# Anybody plow with a 04 1500 dodge



## Greg Aquila (Aug 14, 2005)

Thinking of putting a 8' western on my 04 dodge 1500. Anybody ever put a 8' plow on a newer dodge.


----------



## DaySpring Services (Feb 1, 2005)

I have a Blizzard 760LT on mine. Handles great. I think an 8 footer would be a little big for a 1500.


----------



## PaleRider (Nov 30, 2005)

*Ram Pushers Union meeting*

:waving: Greg,
I have an 01' 1500 shrtbed I agree I wound't go bigger then an 7'6". If you want it yo go wider then you can add a set of wings. That's what I've decided to do this year and I'm glad I did it! The wings add 18- 20" ? So it makes it around a 9' plow  I'm not sure on sizes I just put then on and started pushing. I don't know what your preference is for plows but, I'll say go with what makes you comfortable. Western, Blizzard, Meyers whatever!

Pale Rider


----------



## Greg Aquila (Aug 14, 2005)

ya a lot of people told me don't put a 8' on a newer dodge so i guess i'll stick with a 7'6" western pro plow. Thanks !!


----------



## DBL (Aug 27, 2005)

is it a crew cab shortbed?


----------



## Greg Aquila (Aug 14, 2005)

ya its a crew cab shortbed !!


----------



## harleyrider67 (Jan 24, 2006)

Hey Greg,

I have a 7-6 BOSS standard duty on my 2004 Ram QC Hemi and it works great!

I would suggest having the Timbrens installed as well with a plow, it helps out the IFS that the 1/2 tons have.
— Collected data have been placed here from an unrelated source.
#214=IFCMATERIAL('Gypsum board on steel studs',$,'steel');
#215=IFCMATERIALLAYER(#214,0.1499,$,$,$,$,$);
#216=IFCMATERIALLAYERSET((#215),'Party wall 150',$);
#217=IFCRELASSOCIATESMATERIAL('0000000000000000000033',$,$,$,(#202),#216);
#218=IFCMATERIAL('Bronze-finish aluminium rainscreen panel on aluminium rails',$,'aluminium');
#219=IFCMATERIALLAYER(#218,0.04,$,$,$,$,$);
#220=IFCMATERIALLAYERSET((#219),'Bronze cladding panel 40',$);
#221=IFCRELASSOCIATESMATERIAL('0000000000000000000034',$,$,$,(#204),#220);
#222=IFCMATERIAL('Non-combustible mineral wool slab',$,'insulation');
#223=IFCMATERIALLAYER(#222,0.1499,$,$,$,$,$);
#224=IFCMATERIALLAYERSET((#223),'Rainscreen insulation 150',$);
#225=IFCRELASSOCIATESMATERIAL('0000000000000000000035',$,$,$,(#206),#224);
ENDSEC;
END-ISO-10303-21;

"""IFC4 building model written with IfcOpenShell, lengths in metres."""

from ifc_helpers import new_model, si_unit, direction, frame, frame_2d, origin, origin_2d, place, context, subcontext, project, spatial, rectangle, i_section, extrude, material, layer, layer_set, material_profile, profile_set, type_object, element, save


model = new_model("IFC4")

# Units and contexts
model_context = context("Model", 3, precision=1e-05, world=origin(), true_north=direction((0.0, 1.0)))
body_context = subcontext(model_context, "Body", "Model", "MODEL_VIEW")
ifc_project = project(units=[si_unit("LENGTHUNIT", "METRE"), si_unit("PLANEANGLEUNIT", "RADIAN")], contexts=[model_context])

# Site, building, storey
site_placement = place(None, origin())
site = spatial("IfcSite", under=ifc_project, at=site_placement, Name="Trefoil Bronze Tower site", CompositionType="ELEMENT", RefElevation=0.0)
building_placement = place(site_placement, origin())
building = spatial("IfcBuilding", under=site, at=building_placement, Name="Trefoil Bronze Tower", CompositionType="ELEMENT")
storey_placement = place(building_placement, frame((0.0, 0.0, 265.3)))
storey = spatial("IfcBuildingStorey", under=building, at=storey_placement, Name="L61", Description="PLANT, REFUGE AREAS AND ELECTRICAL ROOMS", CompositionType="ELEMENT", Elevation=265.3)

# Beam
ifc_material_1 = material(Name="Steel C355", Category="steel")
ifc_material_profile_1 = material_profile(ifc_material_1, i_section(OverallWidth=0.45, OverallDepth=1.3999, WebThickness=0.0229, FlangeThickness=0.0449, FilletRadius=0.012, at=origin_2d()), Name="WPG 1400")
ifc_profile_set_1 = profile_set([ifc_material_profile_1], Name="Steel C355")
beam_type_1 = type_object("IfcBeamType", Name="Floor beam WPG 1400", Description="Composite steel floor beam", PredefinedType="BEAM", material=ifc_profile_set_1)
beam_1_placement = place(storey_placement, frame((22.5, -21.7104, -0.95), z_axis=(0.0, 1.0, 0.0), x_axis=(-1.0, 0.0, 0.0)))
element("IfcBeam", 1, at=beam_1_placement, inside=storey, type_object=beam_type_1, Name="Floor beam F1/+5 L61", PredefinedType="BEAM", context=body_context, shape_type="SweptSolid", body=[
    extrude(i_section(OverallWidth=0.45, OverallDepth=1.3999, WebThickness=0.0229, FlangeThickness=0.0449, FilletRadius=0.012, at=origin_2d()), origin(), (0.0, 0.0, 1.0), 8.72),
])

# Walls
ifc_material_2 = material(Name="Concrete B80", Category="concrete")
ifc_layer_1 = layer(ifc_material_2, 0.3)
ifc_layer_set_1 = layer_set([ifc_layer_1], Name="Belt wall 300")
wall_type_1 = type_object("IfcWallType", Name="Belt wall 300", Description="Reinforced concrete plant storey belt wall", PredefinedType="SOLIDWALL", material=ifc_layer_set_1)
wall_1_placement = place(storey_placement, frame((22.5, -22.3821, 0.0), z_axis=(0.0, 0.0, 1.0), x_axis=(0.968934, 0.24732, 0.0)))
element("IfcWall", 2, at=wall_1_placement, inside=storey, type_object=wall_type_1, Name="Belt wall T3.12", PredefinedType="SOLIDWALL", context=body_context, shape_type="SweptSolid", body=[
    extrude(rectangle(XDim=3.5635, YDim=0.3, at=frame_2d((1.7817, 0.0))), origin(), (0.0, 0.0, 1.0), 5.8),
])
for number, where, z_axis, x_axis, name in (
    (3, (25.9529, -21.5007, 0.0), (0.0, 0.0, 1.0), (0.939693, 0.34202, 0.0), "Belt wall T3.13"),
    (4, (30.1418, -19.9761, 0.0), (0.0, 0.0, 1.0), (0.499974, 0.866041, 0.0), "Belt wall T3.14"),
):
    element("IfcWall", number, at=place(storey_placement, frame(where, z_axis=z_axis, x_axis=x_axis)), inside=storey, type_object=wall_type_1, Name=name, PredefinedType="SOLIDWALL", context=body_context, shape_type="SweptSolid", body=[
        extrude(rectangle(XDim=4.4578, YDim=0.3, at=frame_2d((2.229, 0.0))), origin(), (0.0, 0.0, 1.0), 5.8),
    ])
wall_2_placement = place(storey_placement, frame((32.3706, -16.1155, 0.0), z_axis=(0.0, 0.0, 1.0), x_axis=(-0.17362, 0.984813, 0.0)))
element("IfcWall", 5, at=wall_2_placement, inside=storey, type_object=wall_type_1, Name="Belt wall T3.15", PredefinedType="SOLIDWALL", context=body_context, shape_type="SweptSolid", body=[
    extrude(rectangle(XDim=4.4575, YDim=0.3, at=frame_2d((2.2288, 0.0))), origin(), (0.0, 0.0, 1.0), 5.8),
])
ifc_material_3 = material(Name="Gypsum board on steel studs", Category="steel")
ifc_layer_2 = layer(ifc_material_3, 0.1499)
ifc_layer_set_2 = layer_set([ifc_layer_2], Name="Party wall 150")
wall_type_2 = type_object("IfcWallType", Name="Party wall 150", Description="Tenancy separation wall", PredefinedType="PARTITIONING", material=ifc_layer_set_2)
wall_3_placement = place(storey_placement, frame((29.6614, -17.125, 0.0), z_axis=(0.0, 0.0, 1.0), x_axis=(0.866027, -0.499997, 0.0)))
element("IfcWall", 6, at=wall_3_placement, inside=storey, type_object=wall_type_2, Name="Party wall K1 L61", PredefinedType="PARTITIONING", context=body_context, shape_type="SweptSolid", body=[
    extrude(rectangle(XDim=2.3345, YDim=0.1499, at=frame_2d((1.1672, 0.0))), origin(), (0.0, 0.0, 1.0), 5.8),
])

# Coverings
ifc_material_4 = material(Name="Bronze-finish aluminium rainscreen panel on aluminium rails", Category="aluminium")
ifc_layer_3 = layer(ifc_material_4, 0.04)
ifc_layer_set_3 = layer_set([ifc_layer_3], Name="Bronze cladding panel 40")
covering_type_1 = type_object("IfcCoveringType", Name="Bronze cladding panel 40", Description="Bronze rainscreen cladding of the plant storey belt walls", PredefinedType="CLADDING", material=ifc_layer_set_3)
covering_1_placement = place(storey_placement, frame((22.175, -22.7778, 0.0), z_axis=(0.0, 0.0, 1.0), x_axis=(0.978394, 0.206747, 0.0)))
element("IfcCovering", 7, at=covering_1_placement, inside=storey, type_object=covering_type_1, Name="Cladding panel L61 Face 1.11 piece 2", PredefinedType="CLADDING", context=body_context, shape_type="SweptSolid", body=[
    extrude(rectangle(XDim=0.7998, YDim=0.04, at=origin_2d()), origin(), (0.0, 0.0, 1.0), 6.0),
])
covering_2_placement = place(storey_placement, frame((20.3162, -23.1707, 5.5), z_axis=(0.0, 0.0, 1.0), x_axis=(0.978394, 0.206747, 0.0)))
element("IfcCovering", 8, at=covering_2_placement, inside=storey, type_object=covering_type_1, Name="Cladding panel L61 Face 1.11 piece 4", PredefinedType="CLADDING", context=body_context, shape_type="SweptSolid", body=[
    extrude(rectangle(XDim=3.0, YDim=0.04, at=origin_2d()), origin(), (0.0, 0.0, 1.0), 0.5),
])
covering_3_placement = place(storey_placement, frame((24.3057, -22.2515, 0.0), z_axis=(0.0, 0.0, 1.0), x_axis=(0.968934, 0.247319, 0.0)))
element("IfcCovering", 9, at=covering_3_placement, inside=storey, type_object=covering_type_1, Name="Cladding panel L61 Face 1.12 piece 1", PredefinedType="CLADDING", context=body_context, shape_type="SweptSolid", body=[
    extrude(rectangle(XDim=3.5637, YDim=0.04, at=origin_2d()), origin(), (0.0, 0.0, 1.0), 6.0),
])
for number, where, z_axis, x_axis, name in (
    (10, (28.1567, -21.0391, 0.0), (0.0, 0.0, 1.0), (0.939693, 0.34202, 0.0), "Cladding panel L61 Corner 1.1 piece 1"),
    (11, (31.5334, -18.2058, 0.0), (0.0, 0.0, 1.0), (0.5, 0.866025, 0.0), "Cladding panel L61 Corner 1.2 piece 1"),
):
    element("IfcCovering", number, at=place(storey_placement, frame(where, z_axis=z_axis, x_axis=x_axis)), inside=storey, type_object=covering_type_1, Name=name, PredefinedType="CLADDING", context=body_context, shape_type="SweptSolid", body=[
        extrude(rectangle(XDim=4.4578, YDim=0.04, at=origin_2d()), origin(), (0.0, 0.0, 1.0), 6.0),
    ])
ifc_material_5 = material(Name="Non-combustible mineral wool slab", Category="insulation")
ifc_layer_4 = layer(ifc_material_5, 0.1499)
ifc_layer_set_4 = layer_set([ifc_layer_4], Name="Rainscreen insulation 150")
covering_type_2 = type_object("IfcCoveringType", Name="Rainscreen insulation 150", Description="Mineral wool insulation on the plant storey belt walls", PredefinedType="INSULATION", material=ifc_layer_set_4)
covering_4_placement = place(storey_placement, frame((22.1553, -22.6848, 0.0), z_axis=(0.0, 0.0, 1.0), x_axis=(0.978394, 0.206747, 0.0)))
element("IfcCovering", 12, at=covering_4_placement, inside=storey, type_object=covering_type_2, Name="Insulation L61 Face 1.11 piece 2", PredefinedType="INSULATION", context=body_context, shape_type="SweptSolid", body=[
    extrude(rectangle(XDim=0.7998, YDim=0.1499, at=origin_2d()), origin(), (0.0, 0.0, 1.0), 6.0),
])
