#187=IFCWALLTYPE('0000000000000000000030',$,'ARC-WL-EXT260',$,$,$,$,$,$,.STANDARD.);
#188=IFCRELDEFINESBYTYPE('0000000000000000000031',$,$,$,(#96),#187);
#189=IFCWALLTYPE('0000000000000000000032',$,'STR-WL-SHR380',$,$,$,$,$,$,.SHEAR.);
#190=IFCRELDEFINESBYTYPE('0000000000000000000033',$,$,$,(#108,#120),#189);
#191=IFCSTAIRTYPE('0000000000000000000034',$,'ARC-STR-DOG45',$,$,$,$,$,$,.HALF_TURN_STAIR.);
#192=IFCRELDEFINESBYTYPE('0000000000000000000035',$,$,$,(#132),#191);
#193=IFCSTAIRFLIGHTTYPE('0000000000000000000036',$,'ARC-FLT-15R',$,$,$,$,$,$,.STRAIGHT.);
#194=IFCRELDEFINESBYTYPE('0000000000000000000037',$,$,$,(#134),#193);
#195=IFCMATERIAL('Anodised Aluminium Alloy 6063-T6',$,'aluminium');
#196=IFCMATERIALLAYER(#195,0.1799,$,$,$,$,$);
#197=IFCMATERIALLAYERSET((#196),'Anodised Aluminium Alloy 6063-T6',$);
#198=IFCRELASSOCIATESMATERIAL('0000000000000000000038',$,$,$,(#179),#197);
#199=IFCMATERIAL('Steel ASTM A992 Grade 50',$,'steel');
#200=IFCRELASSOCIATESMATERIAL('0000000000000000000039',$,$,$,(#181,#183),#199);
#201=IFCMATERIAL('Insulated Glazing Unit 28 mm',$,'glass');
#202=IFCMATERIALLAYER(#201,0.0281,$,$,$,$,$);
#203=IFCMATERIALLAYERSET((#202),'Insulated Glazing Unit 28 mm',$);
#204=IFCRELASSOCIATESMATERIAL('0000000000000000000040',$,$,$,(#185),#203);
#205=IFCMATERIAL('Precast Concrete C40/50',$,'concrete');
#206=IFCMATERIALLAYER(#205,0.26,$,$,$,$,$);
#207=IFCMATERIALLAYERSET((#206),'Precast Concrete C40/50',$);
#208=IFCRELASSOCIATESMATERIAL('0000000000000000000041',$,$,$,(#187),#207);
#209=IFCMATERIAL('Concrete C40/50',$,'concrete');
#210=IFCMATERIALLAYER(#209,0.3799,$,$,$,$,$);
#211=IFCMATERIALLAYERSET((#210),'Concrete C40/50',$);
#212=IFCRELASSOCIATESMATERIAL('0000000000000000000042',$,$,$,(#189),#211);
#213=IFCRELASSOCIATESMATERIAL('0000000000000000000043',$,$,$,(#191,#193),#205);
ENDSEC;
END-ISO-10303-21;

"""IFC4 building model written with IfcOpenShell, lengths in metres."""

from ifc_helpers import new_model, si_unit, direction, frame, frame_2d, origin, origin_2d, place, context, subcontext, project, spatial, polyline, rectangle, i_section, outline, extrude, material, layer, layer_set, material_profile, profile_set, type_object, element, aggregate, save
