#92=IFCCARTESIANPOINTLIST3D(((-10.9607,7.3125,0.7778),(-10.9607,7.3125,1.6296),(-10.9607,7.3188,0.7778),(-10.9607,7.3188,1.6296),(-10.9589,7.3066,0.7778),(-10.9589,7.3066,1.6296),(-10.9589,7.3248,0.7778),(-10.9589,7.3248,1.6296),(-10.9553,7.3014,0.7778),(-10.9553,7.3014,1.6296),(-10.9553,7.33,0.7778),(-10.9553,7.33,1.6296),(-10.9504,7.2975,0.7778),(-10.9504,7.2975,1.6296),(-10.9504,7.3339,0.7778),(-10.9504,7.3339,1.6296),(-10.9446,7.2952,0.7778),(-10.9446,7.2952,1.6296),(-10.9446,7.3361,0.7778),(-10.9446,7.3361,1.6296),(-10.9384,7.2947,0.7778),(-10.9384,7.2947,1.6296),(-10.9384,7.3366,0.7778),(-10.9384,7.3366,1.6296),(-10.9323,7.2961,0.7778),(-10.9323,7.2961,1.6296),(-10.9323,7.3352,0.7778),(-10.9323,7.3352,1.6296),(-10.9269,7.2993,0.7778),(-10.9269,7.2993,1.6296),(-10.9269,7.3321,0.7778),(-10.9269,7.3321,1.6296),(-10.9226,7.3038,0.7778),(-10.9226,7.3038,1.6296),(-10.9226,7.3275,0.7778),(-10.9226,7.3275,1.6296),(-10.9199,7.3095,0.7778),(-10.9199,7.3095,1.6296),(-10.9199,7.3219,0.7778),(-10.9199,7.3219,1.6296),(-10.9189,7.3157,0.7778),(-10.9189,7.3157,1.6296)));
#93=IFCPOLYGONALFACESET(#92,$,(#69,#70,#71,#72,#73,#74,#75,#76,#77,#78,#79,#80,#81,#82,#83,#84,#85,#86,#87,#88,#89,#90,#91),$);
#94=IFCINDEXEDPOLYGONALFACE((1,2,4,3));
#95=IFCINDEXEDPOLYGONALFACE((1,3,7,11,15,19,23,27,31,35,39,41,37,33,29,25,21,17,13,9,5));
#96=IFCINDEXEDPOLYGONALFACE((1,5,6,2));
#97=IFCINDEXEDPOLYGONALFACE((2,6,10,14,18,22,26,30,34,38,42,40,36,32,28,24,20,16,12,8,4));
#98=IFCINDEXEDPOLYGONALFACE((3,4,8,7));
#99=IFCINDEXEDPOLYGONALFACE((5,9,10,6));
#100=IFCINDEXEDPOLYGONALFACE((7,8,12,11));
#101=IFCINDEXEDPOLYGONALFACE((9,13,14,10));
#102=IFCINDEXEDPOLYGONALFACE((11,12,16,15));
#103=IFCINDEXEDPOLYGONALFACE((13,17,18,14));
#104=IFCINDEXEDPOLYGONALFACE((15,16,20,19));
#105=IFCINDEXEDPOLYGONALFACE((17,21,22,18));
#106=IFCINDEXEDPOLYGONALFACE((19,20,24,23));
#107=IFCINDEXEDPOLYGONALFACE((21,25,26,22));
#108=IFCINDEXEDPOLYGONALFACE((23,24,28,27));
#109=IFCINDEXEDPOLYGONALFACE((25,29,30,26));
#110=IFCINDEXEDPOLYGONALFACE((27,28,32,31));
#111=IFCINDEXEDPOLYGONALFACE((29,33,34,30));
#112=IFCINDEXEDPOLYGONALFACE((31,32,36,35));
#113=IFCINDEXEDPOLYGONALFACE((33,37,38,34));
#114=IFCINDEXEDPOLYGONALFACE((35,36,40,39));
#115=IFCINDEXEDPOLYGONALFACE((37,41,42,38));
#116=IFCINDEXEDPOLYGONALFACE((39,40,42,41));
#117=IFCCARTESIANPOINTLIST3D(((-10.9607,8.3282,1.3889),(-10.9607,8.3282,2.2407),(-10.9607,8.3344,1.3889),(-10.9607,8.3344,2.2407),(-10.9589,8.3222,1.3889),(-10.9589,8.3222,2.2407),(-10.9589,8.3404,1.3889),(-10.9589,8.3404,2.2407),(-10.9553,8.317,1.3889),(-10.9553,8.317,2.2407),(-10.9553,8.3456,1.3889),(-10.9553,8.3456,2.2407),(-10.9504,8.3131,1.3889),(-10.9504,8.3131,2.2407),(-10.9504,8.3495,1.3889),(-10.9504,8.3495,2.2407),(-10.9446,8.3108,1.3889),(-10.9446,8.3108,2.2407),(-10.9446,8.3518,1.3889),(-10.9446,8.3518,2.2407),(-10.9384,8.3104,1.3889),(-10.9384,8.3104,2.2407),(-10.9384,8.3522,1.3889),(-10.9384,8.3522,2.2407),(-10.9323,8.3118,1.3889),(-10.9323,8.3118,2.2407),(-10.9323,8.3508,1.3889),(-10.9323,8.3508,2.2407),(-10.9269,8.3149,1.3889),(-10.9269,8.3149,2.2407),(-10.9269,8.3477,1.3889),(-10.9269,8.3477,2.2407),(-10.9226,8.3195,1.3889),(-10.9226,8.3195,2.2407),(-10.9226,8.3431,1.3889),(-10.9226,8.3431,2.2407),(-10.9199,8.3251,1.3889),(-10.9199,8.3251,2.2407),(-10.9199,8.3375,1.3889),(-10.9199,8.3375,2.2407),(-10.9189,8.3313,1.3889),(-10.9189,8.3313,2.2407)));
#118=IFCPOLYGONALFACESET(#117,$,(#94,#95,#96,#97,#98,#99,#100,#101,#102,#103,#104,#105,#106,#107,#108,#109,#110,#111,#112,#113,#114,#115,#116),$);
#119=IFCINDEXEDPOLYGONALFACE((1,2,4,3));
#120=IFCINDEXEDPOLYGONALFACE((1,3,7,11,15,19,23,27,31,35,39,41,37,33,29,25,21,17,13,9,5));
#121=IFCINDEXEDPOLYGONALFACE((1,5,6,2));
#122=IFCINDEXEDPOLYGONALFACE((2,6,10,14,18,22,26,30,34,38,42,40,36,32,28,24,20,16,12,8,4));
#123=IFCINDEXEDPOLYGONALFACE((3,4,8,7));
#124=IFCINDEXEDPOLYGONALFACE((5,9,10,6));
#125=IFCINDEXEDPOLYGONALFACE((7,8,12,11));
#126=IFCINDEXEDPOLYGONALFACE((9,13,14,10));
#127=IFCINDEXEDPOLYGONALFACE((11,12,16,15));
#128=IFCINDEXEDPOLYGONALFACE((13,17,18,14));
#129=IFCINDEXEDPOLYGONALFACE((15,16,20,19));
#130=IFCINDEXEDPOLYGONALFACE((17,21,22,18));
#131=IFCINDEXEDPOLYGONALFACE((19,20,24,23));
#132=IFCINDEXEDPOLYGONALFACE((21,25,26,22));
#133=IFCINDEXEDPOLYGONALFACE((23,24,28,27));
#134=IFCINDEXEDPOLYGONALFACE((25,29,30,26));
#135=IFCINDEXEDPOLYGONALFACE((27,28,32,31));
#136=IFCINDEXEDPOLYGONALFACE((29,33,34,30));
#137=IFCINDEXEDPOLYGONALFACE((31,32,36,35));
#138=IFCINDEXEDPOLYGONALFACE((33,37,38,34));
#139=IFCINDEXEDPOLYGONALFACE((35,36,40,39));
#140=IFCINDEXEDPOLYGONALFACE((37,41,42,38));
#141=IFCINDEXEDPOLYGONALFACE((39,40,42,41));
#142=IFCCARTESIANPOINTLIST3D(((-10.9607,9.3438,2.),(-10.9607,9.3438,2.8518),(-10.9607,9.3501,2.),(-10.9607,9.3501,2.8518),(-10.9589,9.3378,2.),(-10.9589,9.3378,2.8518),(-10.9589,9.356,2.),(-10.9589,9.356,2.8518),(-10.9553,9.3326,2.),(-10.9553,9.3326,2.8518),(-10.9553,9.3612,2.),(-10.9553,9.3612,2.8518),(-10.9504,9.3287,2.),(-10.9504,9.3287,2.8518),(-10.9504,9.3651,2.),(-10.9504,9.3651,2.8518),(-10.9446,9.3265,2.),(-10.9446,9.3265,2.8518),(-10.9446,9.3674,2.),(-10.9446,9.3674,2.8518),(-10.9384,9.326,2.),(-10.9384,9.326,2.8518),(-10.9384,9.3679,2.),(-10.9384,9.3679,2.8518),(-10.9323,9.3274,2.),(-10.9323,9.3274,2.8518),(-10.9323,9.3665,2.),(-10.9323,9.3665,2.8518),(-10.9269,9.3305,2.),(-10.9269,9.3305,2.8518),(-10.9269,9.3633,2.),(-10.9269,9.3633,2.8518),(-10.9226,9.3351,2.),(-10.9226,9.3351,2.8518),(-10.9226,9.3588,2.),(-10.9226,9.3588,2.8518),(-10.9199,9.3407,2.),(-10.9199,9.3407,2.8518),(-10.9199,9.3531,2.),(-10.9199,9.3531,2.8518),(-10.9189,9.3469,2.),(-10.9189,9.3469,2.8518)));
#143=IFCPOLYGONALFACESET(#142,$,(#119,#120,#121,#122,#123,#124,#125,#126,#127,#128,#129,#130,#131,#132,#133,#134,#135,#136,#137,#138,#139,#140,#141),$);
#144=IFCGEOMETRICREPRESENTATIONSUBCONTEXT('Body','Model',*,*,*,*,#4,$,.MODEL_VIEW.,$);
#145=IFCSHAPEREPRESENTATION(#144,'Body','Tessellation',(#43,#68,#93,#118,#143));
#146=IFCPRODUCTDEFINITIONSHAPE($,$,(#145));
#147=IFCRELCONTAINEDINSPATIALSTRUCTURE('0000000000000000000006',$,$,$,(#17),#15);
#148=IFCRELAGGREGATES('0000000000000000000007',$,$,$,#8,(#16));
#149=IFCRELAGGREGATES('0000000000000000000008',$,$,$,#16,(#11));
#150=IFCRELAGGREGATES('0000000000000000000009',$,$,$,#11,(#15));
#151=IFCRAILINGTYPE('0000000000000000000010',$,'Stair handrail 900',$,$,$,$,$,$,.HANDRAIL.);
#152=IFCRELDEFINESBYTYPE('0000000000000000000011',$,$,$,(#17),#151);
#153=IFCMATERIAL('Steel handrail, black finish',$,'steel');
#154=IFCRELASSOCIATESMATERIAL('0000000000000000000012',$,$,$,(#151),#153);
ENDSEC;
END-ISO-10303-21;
I have been real happy with my setup, problem is there sure was not enough snow this year. 


Take Care!


----------



## Greg Aquila (Aug 14, 2005)

This is a test picture !!!!!!!!


----------



## Greg Aquila (Aug 14, 2005)

Test picture !!!!


----------



## Lynden-Jeff (May 21, 2006)

Hi,

Well im thinking about plowing with either a 1500 or a 2500 diesel. Would they handle OK? I was told a GMC 1500 would take a beating but ive also been told that the solid front axel on the dodge make it better for plowing. Feedback would be appreciated.

Thanks
Jeff


----------



## itsgottobegreen (Mar 31, 2004)

If you haven't bought a truck yet. Get a 2500. You will be much happier. You can have a bigger blade and you won't tear up your truck as badly.


----------



## Banksy (Aug 31, 2005)

I agree if you have not gotten one yet, go with a 2500. It will stand up to plowing a lot better. Getting a 2500 is not that much more $$. Dodges 2500 and 3500 have a solid axle unlike Chevy. I think that 1/2 IFS would get tired too fast. Plus, think about warranty. If something breaks on that suspension even with the plow off and not related Dodge may not like seeing a mount on that truck and might say TS.


----------



## Jay brown (Dec 26, 2005)

wouldn't recomend putting a plow on a crew cab. i'd use a 1500 crew cab for the sidewalk crew or for getting groceries.


----------



## PaleRider (Nov 30, 2005)

*Full Agreement !*

I know this thread is a little old but, there is someone out there that will read this! When I get the chance I plan on moving up to a 2500 or 250 whatever. I know I'm "Ram Tough" but, I'm a little fearful pushing with my 1500 shortbox.

Pale Rider


----------



## DaySpring Services (Feb 1, 2005)

You'll be fine for residential or light commercial.


----------



## Triple L (Nov 1, 2005)

Go with the 8', you'll never regret it. Alot of people told me that to. Check the specs. An 8' only wieghs no more than 40 to 50 lbs. Don't tell me that 50 lbs. are gonning to make or break your truck. I think the 8' it still too small now. Next blade it gonna be 9' 6".


----------



## Jon Geer (Jan 21, 2002)

I have a very good friend that has a BOSS 9' 2" Steel vee on his 2003 1500 Regular cab short box Dodge. He also has a 16' SwingWing on the rear. There are about 5 or 6 guys with the exact same setup in our neck of the woods.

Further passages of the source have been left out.